“This is a great mystery,” Paul says in the second reading, “a great mystery, and I am applying it to Christ and the Church.” The mystery, of course, is what he could possibly mean trying to draw a parallel between marriage and the relationship God has with us, members of the church.
The first thing that has to be said is that if it is true, as our tradition claims, that the church is the bride of Christ, there must have been any number of late nights over the past 2,000 years when Jesus asked himself if he married the wrong woman. It’s not just that we fight and pick at one another so much inside the church, or that there are so many churches, divided from one another, and divided within themselves more and more, it seems, as time goes on, or that there are the power politics and secrecy that we all know more about now than we wish we did. It’s not all that. It’s that we are all so half-hearted – eager to consider ourselves members, around for the big moments, but all things considered not very committed to the relationship.
This is not a new trend. Today’s gospel is a remarkable reading, the story of a growing crowd of disciples who if you flip back a page or two before in John’s gospel have just seen the multiplication of the loaves, feeding the multitudes, the healing of sick people in front of their eyes, they’ve seen that — and all of a sudden they start to drift off, head home, because the show’s over, the spectacle is concluded, and the hard work of preaching and understanding and learning and changing has begun. Suddenly very few are up for that. They drift away to the margins, in one way or another, to watch.
I wonder if that is what Paul is driving at in that second reading on the marriage relationship. We don’t take his advice to the married very literally these days, or at least his advice to wives, and as far as I can tell, from the outside, we seem to be all better off for it. But when he says that a marriage is an image of God’s relationship with us, and ours with God, we have to ask ourselves if that could possibly be true.
If you’re married, even if your marriage is happy, and life around you has gone well, and maybe especially if it’s not, and it hasn’t, you know that your marriage involves work. It’s not as simple as always submitting one to the other, because we know that as a policy, that’s not a living relationship. Of course, it’s true that in marriage you submit and you give up some things that formerly seemed important, that’s what life with other people is like, but maybe just as often you end up challenging one another, asking questions, working together to get to someplace you both want to be. And you do it because the relationship won’t survive without work, and you’ve promised to try to make it survive. We all know that’s what marriage relationships are like, or what we want them to be like. Sure, there are times in relationships when our tendency is to check out, get distracted with other things, ignore problems let things ride. But gradually we figure out that those times come in cycles with the time to recommit, to make changes, to dig deeper, to start over.

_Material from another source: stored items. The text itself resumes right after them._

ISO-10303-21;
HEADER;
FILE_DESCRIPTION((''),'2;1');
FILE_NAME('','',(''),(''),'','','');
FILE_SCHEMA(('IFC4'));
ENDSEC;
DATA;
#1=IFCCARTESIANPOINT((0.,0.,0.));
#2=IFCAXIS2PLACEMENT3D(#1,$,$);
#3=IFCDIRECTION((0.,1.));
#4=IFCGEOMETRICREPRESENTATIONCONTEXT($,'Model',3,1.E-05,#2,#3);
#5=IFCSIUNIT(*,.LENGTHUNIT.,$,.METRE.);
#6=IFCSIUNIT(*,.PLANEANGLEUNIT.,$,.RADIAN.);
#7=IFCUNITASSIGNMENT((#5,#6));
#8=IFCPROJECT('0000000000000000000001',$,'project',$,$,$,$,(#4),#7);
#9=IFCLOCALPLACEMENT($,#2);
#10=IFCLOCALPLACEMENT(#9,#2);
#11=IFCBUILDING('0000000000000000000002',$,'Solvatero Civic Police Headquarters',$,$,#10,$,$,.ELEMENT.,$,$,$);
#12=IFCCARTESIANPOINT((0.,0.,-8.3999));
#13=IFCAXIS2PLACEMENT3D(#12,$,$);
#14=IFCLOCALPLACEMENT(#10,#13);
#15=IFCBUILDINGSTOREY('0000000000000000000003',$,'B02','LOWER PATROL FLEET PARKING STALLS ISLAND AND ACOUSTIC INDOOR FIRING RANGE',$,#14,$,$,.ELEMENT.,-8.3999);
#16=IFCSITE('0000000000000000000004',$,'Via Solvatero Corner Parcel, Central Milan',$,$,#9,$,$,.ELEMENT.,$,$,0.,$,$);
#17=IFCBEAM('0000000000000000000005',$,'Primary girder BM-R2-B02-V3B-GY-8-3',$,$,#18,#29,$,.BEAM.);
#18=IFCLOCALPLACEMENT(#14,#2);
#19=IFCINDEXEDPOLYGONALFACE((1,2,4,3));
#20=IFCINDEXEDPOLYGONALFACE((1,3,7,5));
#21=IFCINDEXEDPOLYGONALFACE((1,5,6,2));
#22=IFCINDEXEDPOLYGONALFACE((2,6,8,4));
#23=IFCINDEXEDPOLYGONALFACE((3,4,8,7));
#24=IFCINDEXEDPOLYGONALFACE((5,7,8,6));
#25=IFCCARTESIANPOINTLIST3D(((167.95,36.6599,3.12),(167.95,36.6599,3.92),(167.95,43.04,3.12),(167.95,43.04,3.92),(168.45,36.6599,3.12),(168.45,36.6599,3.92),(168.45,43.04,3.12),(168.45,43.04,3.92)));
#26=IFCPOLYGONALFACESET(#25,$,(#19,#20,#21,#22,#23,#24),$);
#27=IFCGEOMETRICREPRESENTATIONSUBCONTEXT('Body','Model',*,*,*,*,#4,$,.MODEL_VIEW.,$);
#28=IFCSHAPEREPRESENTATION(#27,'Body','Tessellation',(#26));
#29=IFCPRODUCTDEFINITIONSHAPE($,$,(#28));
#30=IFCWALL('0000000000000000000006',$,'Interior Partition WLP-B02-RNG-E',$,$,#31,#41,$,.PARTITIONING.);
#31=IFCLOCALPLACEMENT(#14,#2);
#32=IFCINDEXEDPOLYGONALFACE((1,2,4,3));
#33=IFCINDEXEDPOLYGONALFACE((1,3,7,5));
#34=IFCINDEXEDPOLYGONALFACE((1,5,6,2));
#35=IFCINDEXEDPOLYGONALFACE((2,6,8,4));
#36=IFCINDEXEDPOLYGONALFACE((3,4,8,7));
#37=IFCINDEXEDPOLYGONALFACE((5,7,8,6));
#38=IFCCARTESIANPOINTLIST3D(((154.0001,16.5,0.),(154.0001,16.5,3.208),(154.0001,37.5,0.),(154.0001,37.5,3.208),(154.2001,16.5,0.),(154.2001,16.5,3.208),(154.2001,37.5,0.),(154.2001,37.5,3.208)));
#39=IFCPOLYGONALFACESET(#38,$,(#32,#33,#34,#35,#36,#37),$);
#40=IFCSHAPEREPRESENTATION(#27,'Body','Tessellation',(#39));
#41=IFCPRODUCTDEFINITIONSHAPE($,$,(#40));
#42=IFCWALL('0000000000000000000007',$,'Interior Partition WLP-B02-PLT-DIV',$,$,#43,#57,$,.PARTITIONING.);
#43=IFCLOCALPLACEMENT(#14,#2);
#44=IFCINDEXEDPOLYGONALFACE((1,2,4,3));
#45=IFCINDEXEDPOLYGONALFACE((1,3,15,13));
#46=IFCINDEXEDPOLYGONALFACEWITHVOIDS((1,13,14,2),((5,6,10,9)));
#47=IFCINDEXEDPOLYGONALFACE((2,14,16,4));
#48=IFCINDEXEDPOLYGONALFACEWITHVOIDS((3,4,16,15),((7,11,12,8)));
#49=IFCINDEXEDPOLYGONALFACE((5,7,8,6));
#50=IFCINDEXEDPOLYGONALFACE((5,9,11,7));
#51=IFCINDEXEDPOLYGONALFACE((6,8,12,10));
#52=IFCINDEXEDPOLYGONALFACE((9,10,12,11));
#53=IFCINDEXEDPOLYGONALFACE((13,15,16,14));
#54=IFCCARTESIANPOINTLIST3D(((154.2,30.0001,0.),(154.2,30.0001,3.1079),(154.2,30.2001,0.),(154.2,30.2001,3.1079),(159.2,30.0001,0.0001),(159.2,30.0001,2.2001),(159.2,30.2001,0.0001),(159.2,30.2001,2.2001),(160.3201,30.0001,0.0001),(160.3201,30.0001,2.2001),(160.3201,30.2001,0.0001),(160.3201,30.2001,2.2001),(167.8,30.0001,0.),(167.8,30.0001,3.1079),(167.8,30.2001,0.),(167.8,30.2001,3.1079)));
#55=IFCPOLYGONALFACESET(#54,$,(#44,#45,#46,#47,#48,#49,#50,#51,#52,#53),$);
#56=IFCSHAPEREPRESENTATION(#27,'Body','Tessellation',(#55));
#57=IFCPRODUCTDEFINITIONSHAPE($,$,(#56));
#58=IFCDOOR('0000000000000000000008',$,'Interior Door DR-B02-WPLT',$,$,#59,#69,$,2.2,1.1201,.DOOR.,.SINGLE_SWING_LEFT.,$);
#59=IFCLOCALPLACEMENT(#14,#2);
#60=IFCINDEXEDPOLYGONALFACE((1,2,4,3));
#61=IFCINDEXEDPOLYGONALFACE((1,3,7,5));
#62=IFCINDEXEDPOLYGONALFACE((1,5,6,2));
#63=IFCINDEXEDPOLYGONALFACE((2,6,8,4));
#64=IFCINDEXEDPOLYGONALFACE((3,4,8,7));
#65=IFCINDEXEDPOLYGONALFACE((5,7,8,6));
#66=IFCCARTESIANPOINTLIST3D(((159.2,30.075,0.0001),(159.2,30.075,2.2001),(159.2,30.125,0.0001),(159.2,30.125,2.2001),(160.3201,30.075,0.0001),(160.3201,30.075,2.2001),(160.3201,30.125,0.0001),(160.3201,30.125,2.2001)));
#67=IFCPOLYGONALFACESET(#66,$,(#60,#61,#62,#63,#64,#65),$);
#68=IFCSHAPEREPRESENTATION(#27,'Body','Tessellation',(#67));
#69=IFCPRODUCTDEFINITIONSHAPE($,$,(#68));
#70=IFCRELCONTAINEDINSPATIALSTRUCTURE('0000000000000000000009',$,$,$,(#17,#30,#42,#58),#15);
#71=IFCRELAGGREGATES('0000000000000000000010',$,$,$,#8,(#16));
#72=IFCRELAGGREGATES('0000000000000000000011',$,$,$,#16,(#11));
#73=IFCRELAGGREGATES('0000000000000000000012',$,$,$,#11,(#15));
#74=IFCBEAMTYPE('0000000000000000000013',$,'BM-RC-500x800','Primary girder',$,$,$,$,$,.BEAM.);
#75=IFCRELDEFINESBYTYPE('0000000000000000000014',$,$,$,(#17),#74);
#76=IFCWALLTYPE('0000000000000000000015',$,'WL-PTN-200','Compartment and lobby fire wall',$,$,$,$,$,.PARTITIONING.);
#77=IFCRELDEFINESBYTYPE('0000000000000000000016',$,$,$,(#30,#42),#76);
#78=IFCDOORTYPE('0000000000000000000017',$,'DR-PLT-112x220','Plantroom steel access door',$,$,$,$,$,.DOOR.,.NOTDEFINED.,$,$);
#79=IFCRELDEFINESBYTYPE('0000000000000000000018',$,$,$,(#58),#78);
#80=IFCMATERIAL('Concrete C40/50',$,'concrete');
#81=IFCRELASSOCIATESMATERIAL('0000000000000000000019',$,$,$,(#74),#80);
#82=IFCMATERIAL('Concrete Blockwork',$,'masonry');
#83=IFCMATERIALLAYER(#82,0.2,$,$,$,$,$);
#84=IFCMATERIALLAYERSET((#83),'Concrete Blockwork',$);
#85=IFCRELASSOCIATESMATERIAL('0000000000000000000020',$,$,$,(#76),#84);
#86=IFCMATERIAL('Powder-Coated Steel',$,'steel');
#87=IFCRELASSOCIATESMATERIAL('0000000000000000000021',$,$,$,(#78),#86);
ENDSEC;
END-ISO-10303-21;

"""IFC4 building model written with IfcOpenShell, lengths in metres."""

from ifc_helpers import new_model, si_unit, direction, frame, frame_2d, origin, origin_2d, place, context, subcontext, project, spatial, rectangle, extrude, material, layer, layer_set, material_profile, profile_set, type_object, element, fill, save


model = new_model("IFC4")

# Units and contexts
model_context = context("Model", 3, precision=1e-05, world=origin(), true_north=direction((0.0, 1.0)))
body_context = subcontext(model_context, "Body", "Model", "MODEL_VIEW")
ifc_project = project(units=[si_unit("LENGTHUNIT", "METRE"), si_unit("PLANEANGLEUNIT", "RADIAN")], contexts=[model_context])

# Site, building, storey
site_placement = place(None, origin())
site = spatial("IfcSite", under=ifc_project, at=site_placement, Name="Via Solvatero Corner Parcel, Central Milan", CompositionType="ELEMENT", RefElevation=0.0)
building_placement = place(site_placement, origin())
building = spatial("IfcBuilding", under=site, at=building_placement, Name="Solvatero Civic Police Headquarters", CompositionType="ELEMENT")
storey_placement = place(building_placement, frame((0.0, 0.0, -8.3999)))
storey = spatial("IfcBuildingStorey", under=building, at=storey_placement, Name="B02", Description="LOWER PATROL FLEET PARKING STALLS ISLAND AND ACOUSTIC INDOOR FIRING RANGE", CompositionType="ELEMENT", Elevation=-8.3999)

# Shared definitions
ifc_material_1 = material(Name="Concrete C40/50", Category="concrete")

# Beam
ifc_material_profile_1 = material_profile(ifc_material_1, rectangle(XDim=0.5, YDim=0.8, at=origin_2d()), Name="RC 500x800")
ifc_profile_set_1 = profile_set([ifc_material_profile_1], Name="Concrete C40/50")
beam_type_1 = type_object("IfcBeamType", Name="BM-RC-500x800", Description="Primary girder", PredefinedType="BEAM", material=ifc_profile_set_1)
beam_1_placement = place(storey_placement, frame((168.2, 36.6599, 3.52), z_axis=(0.0, 1.0, 0.0), x_axis=(-1.0, 0.0, 0.0)))
element("IfcBeam", 1, at=beam_1_placement, inside=storey, type_object=beam_type_1, Name="Primary girder BM-R2-B02-V3B-GY-8-3", PredefinedType="BEAM", context=body_context, shape_type="SweptSolid", body=[
    extrude(rectangle(XDim=0.5, YDim=0.8, at=origin_2d()), origin(), (0.0, 0.0, 1.0), 6.3801),
])

# Wall
ifc_material_2 = material(Name="Concrete Blockwork", Category="masonry")
ifc_layer = layer(ifc_material_2, 0.2)
ifc_layer_set = layer_set([ifc_layer], Name="Concrete Blockwork")
wall_type = type_object("IfcWallType", Name="WL-PTN-200", Description="Compartment and lobby fire wall", PredefinedType="PARTITIONING", material=ifc_layer_set)
wall_1_placement = place(storey_placement, frame((154.1001, 16.5, 0.0), z_axis=(0.0, 0.0, 1.0), x_axis=(0.0, 1.0, 0.0)))
element("IfcWall", 2, at=wall_1_placement, inside=storey, type_object=wall_type, Name="Interior Partition WLP-B02-RNG-E", PredefinedType="PARTITIONING", context=body_context, shape_type="SweptSolid", body=[
    extrude(rectangle(XDim=21.0, YDim=0.2, at=frame_2d((10.5, 0.0))), origin(), (0.0, 0.0, 1.0), 3.208),
])

# Wall, opening, door
wall_2_placement = place(storey_placement, frame((154.2, 30.1001, 0.0), z_axis=(0.0, 0.0, 1.0), x_axis=(1.0, 0.0, 0.0)))
wall_2 = element("IfcWall", 3, at=wall_2_placement, inside=storey, type_object=wall_type, Name="Interior Partition WLP-B02-PLT-DIV", PredefinedType="PARTITIONING", context=body_context, shape_type="SweptSolid", body=[
    extrude(rectangle(XDim=13.6001, YDim=0.2, at=frame_2d((6.8, 0.0))), origin(), (0.0, 0.0, 1.0), 3.1079),
])
opening_placement = place(wall_2_placement, frame((5.0, 0.0, 0.0)))
opening = element("IfcOpeningElement", 4, at=opening_placement, cuts=wall_2, PredefinedType="OPENING", context=body_context, shape_type="SweptSolid", body=[
    extrude(rectangle(XDim=1.1201, YDim=2.2, at=frame_2d((0.5601, 1.1001))), frame((0.0, 0.1099, 0.0), z_axis=(0.0, -1.0, 0.0), x_axis=(1.0, 0.0, 0.0)), (0.0, 0.0, 1.0), 0.22),
])
ifc_material_3 = material(Name="Powder-Coated Steel", Category="steel")
door_type = type_object("IfcDoorType", Name="DR-PLT-112x220", Description="Plantroom steel access door", OperationType="NOTDEFINED", PredefinedType="DOOR", material=ifc_material_3)
door_placement = place(opening_placement, origin())
door = element("IfcDoor", 5, at=door_placement, inside=storey, type_object=door_type, Name="Interior Door DR-B02-WPLT", OperationType="SINGLE_SWING_LEFT", OverallHeight=2.2, OverallWidth=1.1201, PredefinedType="DOOR", context=body_context, shape_type="SweptSolid", body=[
    extrude(rectangle(XDim=1.1201, YDim=2.2, at=frame_2d((0.5601, 1.1001))), frame((0.0, 0.0249, 0.0), z_axis=(0.0, -1.0, 0.0), x_axis=(1.0, 0.0, 0.0)), (0.0, 0.0, 1.0), 0.05),
])
fill(opening, door)

save(model, "model.ifc")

If an active, involved, committed marriage relationship is like the relationship God wants with us, on the one hand that should make us amazed that there is such a God who loves us that much, but it should also scare us, because it would suggest we all have plenty of growing up to do in that relationship. Because like a human relationship that has fallen into disrepair, when it comes to our relationship with God, or even our relationship with the church, we all have a tendency to find someplace to be that takes us off the spot, removes us from responsibility.
We tend not to see ourselves in an adult relationship with God or with our faith, and that approach works fine as long as we can remain on the sidelines, until we gradually become consumers who are either satisfied or dissatisfied with what’s offered us. We decide that what confuses us or bothers us or bores us in our faith, in our church, must be someone else’s problem to fix. And so we find ourselves saying things like: a lot of things about the church bother me, so I just keep my distance; or I want my kids to learn the faith, but it’s not my job to; or that if things just would go back to the way things were, it’d all be fine. If we said things like that about a human relationship we were in we’d know immediately we weren’t taking responsibility for our end of the bargain. But when it comes to our faith, to our church, we hesitate to bring to it the passion and the intelligence and the commitment we all try, I think, to bring to our marriages.
Jesus in this gospel reading frankly seems discouraged. He worked miracles, invited people to come with him, and after a flash of excitement he’s suddenly down to a few. He wanted a church of people who can be in relationship with him, a relationship so close it is like husband and wife, so glorious that there’s no understanding it, but so hard that people are constantly getting tired of seeking it. If you’re waiting to know more about your faith or your church, if you want the church to be different, if you want to pray, if you want to understand this relationship with Jesus that we have been baptized into, it won’t happen without you. We’re all in another marriage that we often forget we’re in, and it’s time to get to work on the relationship.